Are you caching the data column offsets, or do you find the index of a column with each iteration ? (makes a big difference wrt performance).

I assume you're using vanilla Reflection to set the values of Fields and Properties.
- A possible quick win would be to only use Fields
- Alternatively, have a look at this link, it basically shows you how to generate getters and setters for properties (using emit as you requested)
http://jachman.wordpress.com/2006/08/22/2000-faster-using-dynamic-method-calls/


Good luck.
 
Are you caching the data column offsets, or do you find the index of a column with each iteration ? (makes a big difference wrt performance).

I assume you're using vanilla Reflection to set the values of Fields and Properties.
- A possible quick win would be to only use Fields
- Alternatively, have a look at this link, it basically shows you how to generate getters and setters for properties (using emit as you requested)
http://jachman.wordpress.com/2006/08/22/2000-faster-using-dynamic-method-calls/


Good luck.

That's pretty much how i generated my fields.
 
Ah okay, well i can put something together for you over the weekend.(Bit busy right now). If you can wait that long...

Awesome man, appreciated.

The DAL class is a generic class that you instantiate with the type of the object to retrieve.

It uses reflection to build the database metadata (column names etc) from the object type. So it ends up with a mapping between
DB column name and object property name. It builds all the SQL statements from there. The record reader then uses this as input to set the property names from the DataReader fields. So you would need this class. PM me your email then I will send it to you. Some of the class properties can be nullable as well. the types I mostly use in my objects are

string
DateTime
byte
short
int
long
float
decimal
double
and their Nullable<T> versions

Lemme know if you have Q's
Tx
 
Awesome man, appreciated.

The DAL class is a generic class that you instantiate with the type of the object to retrieve.

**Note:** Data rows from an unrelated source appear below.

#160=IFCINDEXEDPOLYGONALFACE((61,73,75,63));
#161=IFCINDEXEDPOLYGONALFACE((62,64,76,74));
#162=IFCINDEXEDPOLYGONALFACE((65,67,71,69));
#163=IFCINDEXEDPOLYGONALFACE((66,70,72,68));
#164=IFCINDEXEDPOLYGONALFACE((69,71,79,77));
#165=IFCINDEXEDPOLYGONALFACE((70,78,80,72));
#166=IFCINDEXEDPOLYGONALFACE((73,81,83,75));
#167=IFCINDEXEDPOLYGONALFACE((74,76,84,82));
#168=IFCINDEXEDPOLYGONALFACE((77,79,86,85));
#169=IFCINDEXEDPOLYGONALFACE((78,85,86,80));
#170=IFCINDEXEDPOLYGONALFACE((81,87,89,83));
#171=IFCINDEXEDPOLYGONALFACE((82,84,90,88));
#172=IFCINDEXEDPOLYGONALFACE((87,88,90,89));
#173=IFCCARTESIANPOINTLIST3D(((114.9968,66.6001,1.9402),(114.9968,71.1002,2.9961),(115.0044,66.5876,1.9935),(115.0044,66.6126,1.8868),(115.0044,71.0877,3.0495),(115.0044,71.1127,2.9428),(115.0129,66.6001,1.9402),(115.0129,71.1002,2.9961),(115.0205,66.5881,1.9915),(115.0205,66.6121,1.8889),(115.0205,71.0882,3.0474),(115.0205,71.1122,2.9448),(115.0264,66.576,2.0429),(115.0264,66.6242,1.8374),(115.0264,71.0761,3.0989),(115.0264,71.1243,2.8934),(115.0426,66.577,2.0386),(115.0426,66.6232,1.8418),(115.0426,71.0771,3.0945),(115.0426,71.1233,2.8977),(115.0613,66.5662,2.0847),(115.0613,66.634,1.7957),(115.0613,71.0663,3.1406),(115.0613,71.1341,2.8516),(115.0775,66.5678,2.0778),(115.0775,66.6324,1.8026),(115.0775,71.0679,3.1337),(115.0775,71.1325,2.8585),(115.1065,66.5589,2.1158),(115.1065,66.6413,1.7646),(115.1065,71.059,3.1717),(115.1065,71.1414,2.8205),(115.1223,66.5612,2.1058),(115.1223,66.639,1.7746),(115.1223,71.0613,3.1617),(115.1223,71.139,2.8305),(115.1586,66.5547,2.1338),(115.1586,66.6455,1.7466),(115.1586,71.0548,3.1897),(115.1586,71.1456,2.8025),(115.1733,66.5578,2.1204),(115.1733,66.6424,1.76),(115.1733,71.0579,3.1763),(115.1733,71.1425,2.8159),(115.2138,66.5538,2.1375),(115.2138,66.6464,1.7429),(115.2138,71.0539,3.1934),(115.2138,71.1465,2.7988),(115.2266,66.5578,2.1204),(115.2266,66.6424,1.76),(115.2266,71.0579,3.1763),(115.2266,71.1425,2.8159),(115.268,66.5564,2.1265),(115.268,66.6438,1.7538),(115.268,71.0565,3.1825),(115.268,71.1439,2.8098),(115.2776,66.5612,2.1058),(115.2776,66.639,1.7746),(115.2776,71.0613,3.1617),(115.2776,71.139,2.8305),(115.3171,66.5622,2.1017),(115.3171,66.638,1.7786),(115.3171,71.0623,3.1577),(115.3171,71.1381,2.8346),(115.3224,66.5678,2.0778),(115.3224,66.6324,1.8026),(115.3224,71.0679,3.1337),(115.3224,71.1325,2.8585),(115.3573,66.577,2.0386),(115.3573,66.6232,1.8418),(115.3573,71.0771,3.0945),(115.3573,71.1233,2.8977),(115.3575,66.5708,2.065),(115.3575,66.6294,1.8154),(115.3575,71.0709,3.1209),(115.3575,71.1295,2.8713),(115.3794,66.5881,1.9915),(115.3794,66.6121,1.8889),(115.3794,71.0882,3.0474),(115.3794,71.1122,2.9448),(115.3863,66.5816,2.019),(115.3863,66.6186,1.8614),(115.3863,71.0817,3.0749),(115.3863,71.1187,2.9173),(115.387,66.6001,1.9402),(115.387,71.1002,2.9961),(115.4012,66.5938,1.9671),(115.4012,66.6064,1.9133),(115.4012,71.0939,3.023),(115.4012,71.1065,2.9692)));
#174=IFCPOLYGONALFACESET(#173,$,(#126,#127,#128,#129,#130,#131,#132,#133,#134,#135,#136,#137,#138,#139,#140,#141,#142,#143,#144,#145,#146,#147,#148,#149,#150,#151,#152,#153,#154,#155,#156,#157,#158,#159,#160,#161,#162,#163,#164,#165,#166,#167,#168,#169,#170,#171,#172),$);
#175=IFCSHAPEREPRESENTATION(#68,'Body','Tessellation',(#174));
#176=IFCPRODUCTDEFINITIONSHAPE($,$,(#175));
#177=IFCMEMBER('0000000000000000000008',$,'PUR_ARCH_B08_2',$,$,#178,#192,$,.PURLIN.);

It uses reflection to build the database metadata (column names etc) from the object type. So it ends up with a mapping between
DB column name and object property name. It builds all the SQL statements from there. The record reader then uses this as input to set the property names from the DataReader fields. So you would need this class. PM me your email then I will send it to you. Some of the class properties can be nullable as well. the types I mostly use in my objects are

string
DateTime
byte
short
int
long
float
decimal
double
and their Nullable<T> versions

Lemme know if you have Q's
Tx

I'll write a generic builder and then you can adapt it where required.
 
Are you caching the data column offsets, or do you find the index of a column with each iteration ? (makes a big difference wrt performance).

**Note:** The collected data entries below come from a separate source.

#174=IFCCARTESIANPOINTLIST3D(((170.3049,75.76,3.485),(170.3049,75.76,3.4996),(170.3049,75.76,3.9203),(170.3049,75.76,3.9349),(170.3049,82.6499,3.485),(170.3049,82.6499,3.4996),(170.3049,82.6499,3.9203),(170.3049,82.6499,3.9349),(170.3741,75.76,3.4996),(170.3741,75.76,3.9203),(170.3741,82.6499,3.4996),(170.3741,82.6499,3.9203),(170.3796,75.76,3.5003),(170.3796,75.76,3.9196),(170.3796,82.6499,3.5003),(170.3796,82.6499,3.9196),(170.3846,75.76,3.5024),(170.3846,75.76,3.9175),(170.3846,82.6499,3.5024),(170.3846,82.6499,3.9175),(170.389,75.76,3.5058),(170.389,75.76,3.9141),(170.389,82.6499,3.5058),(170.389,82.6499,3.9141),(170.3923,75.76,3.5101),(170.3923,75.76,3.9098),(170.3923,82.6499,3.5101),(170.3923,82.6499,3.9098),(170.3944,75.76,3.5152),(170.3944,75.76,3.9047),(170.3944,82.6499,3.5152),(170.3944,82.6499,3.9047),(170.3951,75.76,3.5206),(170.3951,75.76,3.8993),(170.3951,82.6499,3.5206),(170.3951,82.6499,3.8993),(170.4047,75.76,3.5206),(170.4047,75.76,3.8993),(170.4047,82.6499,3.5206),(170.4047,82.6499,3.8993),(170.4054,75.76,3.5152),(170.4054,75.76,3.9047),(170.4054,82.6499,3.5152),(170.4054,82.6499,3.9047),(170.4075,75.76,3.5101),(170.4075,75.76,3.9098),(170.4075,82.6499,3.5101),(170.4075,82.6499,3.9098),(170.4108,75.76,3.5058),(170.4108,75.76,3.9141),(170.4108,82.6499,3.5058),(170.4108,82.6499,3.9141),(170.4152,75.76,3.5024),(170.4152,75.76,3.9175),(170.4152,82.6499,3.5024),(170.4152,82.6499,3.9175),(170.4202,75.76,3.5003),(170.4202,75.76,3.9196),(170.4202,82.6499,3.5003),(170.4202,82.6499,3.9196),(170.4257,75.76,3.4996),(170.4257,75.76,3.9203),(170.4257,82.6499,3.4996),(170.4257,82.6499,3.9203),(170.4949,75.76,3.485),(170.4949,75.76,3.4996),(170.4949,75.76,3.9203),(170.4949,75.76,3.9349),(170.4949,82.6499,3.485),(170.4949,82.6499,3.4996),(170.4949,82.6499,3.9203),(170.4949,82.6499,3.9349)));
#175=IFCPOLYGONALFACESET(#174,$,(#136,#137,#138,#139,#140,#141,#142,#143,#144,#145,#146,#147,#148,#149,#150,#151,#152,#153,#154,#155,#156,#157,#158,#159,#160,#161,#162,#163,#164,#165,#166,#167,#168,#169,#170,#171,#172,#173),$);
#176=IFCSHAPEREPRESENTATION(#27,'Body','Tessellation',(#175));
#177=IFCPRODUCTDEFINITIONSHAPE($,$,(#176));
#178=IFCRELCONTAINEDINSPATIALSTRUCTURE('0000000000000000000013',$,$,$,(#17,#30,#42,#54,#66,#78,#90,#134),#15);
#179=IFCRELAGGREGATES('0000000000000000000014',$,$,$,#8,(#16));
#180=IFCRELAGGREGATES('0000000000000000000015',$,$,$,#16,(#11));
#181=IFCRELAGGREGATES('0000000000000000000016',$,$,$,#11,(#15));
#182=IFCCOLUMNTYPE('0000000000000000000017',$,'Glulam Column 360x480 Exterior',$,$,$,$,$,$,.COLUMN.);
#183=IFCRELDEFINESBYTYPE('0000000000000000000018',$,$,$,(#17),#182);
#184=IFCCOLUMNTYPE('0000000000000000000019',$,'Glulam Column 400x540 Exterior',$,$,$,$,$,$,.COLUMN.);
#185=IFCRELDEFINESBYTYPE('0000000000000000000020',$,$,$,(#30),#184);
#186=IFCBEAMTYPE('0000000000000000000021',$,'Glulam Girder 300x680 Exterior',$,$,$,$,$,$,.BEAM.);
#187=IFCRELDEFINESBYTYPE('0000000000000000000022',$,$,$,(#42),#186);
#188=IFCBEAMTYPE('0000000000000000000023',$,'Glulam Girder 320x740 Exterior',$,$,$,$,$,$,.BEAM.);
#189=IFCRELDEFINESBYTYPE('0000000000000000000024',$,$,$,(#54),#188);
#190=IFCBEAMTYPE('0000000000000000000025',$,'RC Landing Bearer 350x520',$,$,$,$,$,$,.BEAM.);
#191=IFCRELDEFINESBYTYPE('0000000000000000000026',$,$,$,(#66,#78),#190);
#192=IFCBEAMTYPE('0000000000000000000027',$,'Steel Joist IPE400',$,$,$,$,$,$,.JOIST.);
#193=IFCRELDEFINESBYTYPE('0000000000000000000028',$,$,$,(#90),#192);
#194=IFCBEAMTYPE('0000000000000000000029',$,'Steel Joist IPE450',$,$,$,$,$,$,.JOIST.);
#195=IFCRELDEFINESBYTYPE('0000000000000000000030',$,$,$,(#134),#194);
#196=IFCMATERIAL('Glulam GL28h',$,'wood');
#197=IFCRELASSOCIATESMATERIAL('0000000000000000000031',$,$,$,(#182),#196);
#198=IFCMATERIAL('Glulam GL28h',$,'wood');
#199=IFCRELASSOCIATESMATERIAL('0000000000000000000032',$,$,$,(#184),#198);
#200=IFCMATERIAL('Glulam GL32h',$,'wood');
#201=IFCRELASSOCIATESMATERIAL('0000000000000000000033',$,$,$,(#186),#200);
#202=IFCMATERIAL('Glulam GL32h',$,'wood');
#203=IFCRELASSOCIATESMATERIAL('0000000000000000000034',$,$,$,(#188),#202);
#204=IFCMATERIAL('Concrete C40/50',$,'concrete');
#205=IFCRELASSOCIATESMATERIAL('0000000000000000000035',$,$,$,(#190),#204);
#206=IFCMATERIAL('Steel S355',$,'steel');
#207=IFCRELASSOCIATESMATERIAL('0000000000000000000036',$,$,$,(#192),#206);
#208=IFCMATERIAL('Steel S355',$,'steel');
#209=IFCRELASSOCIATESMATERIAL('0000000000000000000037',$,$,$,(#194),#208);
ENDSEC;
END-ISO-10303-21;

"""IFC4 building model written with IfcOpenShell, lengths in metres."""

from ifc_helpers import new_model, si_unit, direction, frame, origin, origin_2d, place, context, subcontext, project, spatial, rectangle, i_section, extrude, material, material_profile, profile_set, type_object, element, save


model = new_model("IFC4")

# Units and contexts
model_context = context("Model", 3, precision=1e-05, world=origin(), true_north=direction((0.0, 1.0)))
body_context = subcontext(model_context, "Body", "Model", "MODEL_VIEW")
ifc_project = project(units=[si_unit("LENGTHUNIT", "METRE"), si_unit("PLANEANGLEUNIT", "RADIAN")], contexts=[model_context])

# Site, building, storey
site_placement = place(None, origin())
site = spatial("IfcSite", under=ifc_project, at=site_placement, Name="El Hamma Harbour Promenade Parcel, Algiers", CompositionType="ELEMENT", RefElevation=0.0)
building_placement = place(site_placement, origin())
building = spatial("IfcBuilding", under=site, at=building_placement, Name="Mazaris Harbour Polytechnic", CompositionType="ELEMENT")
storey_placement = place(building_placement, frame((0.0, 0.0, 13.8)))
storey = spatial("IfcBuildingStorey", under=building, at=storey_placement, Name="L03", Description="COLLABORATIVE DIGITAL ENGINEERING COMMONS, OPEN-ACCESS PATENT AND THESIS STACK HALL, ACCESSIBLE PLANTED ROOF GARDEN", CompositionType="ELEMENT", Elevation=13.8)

I assume you're using vanilla Reflection to set the values of Fields and Properties.
- A possible quick win would be to only use Fields
- Alternatively, have a look at this link, it basically shows you how to generate getters and setters for properties (using emit as you requested)
http://jachman.wordpress.com/2006/08/22/2000-faster-using-dynamic-method-calls/


Good luck.

Yes I cache the column index in the first row when get from cache on next rows. Coming to think of it.. I need to check. I might even have it in a static cache so that the cache is built for the object type only once during the app lifetime and not once per SELECT

Yes I use vanilla reflection with properties. Why would fields be quicker? Doesn't the optimiser expand the inline setters?